En charge du ministère du redressement productif, c'est-à-dire de l'industrie, Arnaud Montebourg n'hésite pas à faire vibrer la corde du patriotisme économique sur certains dossiers. Cette approche a ainsi pu être observée avec Dailymotion, où l'ancien député de Saône-et-Loire s'est opposé à l'appétit de Yahoo pour la plateforme de vidéo. Elle peut être constatée aujourd'hui avec Alcatel-Lucent.
La chute d'Alcatel-Lucent
Car en effet, le groupe français traverse une passe très difficile. Bien qu'il demeure encore l'un des principaux équipementiers dans le monde, la concurrence féroce des firmes étrangères – et en particulier chinoises – le place dans une situation intenable. L'entreprise, qui enregistre une perte annuelle de 800 millions d'euros depuis dix ans, compte donc tailler dans ses effectifs pour rebondir.

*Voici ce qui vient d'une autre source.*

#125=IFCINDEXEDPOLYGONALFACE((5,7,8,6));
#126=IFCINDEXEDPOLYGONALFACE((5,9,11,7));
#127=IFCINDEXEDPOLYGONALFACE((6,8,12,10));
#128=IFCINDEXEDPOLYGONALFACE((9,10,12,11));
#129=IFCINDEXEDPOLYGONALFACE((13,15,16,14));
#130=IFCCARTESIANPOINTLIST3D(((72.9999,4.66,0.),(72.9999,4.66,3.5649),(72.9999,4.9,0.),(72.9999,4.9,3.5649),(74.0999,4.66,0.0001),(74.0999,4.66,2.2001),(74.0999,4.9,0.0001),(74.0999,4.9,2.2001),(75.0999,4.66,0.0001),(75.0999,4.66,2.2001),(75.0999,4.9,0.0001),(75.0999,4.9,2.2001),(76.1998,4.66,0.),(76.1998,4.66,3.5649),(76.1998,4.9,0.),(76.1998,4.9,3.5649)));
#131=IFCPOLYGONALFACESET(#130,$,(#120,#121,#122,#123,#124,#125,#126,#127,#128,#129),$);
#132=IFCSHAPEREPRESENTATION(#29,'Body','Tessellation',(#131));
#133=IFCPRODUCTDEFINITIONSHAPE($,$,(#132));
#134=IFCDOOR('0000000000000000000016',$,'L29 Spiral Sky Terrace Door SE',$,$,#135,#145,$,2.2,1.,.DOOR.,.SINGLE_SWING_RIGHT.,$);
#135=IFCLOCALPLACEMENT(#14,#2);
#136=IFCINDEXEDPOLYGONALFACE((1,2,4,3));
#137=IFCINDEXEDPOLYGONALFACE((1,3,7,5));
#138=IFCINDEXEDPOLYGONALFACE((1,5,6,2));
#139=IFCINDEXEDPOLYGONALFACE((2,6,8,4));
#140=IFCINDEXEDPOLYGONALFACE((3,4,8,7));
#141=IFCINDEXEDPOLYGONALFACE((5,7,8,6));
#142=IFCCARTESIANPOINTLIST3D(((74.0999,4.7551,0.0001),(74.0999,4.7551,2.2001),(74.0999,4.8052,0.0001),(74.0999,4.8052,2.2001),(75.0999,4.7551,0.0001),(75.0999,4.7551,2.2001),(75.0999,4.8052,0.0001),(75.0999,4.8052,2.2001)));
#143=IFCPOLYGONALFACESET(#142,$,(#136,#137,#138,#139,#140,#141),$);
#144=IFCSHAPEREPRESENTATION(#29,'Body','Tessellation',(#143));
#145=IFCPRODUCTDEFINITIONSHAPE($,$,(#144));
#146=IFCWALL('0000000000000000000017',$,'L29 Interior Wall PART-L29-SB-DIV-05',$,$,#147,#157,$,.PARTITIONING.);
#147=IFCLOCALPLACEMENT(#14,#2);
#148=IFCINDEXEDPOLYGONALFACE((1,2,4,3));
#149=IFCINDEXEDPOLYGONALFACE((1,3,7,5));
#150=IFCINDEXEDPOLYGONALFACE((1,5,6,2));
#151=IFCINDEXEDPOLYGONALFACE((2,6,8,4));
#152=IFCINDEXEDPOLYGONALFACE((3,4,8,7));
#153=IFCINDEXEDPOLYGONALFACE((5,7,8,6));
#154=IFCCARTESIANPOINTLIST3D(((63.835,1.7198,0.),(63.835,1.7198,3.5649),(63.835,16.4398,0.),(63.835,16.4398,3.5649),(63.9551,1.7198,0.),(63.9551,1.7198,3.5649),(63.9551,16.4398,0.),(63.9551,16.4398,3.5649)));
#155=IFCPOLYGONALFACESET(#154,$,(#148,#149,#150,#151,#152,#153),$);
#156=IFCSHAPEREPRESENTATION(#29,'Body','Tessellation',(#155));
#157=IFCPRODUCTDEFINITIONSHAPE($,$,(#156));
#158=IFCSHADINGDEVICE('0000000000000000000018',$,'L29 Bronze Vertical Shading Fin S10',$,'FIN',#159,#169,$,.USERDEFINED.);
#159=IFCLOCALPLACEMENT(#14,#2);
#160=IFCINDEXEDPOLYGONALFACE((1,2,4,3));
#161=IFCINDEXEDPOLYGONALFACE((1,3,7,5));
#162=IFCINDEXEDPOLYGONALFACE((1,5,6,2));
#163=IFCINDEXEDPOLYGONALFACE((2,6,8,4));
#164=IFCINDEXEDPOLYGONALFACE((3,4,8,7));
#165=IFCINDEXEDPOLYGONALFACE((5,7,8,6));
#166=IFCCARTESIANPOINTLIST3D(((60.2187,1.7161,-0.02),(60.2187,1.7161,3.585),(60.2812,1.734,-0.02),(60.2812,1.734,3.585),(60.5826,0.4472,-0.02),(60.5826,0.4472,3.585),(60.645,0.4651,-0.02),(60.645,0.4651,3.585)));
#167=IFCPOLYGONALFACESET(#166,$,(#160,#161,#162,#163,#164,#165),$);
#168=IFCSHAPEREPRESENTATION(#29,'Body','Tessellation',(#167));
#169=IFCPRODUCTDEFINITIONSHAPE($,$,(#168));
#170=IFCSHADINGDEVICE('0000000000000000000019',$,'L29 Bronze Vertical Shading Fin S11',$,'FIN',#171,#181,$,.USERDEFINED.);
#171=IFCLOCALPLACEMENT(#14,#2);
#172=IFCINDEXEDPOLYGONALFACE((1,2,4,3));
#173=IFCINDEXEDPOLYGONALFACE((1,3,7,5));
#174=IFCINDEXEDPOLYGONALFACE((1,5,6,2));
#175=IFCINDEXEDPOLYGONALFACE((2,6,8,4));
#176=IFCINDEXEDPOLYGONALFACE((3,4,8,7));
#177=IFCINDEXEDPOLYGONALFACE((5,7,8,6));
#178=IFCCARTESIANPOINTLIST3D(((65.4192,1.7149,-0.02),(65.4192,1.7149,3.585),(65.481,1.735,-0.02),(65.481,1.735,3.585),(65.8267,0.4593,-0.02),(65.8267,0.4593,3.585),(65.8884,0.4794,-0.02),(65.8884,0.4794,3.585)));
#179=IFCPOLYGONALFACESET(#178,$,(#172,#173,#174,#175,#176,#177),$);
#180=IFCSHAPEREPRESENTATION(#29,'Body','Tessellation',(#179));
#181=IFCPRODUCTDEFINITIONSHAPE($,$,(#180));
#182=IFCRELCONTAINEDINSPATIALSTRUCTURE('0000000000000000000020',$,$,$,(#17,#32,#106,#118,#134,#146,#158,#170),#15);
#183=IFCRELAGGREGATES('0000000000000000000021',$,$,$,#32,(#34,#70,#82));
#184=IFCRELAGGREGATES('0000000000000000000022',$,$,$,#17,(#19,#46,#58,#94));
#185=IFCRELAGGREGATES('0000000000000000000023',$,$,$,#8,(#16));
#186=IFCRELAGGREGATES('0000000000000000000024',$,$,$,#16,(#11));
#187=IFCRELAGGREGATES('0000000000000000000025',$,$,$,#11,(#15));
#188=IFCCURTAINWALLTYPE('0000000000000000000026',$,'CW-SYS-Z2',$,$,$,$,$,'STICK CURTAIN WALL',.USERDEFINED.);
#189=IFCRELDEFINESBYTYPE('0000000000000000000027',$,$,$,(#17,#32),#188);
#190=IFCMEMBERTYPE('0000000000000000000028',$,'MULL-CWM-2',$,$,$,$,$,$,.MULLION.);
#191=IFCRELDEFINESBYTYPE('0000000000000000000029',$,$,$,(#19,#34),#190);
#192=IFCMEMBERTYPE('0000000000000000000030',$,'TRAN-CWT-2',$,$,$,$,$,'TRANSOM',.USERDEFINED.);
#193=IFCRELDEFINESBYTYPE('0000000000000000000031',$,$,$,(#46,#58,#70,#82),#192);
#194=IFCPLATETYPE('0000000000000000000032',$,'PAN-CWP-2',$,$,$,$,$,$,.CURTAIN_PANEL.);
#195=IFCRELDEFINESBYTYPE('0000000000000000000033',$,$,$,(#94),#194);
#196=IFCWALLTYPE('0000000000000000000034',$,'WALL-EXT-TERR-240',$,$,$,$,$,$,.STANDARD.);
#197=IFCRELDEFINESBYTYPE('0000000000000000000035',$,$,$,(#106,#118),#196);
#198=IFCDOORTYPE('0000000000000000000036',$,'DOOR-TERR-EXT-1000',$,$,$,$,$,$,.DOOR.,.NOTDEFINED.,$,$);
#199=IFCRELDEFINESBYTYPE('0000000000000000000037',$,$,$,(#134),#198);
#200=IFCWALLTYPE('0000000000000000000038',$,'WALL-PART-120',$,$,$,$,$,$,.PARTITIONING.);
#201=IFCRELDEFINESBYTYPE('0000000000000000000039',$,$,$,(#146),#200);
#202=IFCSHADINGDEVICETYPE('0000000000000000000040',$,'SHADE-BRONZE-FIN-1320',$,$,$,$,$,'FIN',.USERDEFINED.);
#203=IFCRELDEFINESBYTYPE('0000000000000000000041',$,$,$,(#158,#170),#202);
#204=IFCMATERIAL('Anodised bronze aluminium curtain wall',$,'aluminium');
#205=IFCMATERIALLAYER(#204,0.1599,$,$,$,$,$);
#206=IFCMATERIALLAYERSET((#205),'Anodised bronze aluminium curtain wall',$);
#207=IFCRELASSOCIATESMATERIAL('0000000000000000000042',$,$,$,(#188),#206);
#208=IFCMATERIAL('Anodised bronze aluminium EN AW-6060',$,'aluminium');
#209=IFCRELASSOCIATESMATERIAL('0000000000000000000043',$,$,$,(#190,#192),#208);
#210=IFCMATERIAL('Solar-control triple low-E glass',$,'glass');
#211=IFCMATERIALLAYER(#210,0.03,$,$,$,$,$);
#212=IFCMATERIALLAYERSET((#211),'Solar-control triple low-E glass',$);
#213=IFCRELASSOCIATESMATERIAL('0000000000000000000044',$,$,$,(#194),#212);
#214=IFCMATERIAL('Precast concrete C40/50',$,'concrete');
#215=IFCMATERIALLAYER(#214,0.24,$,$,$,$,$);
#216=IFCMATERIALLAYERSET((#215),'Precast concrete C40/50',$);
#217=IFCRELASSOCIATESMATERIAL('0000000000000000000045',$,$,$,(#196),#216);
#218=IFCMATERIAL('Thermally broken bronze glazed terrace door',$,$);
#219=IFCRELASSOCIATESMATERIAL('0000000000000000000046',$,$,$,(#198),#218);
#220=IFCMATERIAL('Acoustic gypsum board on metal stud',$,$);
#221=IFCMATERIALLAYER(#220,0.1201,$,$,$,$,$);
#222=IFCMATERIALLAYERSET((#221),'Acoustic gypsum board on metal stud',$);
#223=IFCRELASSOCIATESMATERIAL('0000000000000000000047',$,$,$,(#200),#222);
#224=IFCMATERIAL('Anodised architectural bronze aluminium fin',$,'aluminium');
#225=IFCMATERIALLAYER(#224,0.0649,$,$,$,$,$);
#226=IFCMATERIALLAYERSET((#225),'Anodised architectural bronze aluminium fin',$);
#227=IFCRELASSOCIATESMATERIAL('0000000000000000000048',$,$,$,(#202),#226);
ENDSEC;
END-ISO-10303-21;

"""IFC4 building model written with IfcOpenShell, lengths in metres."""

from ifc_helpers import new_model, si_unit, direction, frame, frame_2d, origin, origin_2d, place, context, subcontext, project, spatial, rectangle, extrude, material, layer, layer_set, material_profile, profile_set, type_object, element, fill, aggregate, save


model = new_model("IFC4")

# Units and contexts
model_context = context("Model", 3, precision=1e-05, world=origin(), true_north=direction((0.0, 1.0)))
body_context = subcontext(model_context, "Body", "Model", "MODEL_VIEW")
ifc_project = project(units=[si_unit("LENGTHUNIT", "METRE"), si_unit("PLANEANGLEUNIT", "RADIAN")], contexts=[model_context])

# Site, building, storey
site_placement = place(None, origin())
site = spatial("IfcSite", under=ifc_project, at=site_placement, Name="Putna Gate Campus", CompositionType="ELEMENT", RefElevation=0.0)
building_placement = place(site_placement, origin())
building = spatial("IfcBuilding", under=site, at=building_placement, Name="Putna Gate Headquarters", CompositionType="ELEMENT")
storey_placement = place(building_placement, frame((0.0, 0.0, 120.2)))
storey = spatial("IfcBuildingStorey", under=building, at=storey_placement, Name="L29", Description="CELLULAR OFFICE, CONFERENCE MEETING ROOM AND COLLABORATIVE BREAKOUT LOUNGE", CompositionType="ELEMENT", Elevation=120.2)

En France, le plan de la société concerne 1800 postes. La moitié va disparaître tandis que le reste va "évoluer vers d'autres métiers en restant dans le groupe, ou en allant travailler chez des partenaires". Alcatel-Lucent procédera aussi à la fermeture de deux sites sur treize et réorganisera sa présence en France autour de deux grands sites.
Soucieux que la France ne paie pas le tribut le plus élevé, l'exécutif compte faire appel au soutien des principaux opérateurs français afin que le groupe puisse avoir un débouché commercial favorable pour ses produits. Selon l'AFP, qui cite Arnaud Montebourg, trois des quatre entreprises concernées ont d'ores et déjà répondu positivement à la demande gouvernementale, mais leur identité demeure secrète.
Le soutien des opérateurs mobiles
D'après les informations de l'agence de presse, Orange fait appel à Alcatel-Lucent pour la moitié de ses équipements destinés à son réseau de téléphonie mobile, l'autre moitié étant fournie par le suédois Ericsson. Concernant SFR, c'est 20 % et le reste provient du chinois Huawei et du finlandais Nokia Siemens Networks (40 % chacun).
En revanche, Bouygues Télécom et Free travaillent avec d'autres équipementiers. Toujours selon la source de l'AFP, 50 % du matériel utilisé par Bouygues est fourni par Ericsson et 50 % par Huawei. Concernant Free, il ne fait appel qu'à Nokia Siemens Networks. Là encore, il n'est question que des équipements destinés aux réseaux de téléphonie mobile.
La situation concernant les autres domaines d'activité du groupe (routage, transport IP, plateforme IP, réseaux fixes) n'est pas précisée.
La sécurité nationale, à brandir avec modération
Par ailleurs, le gouvernement pourrait donner un autre coup de pouce à Alcatel-Lucent. L'exécutif envisage de suivre les recommandations du rapport Bockel, qui invite les pouvoirs publics à écarter les entreprises asiatiques au nom de la sécurité nationale. Et les entreprises concernées pourraient être Huawei, ZTE et Samsung, accusées par ailleurs de dumping (pour les deux premières) pour s'imposer.
Le sénateur Jean-Marie Bockel suggère "d'interdire sur le territoire national […] le déploiement et l'utilisation de routeurs ou d'autres équipements de cœur de réseaux qui présentent un risque pour la sécurité nationale". Mais cette décision, où les motifs de sécurité nationale se superposent à des motivations économiques, pourrait être une fausse bonne idée… et handicaper Alcatel-Lucent au lieu de l'aider.
En effet, Alcatel-Lucent a signé fin septembre un "gros contrat" en Chine avec China Mobile pour déployer 23 000 stations de base dans le pays. Or, le rétrécissement du marché français pour des considérations de sécurité nationale ou économiques pourrait mal passer dans l'Empire du Milieu et entraîner des rétorsions. Et il n'est pas certain qu'Alcatel-Lucent puisse se passer de ce marché.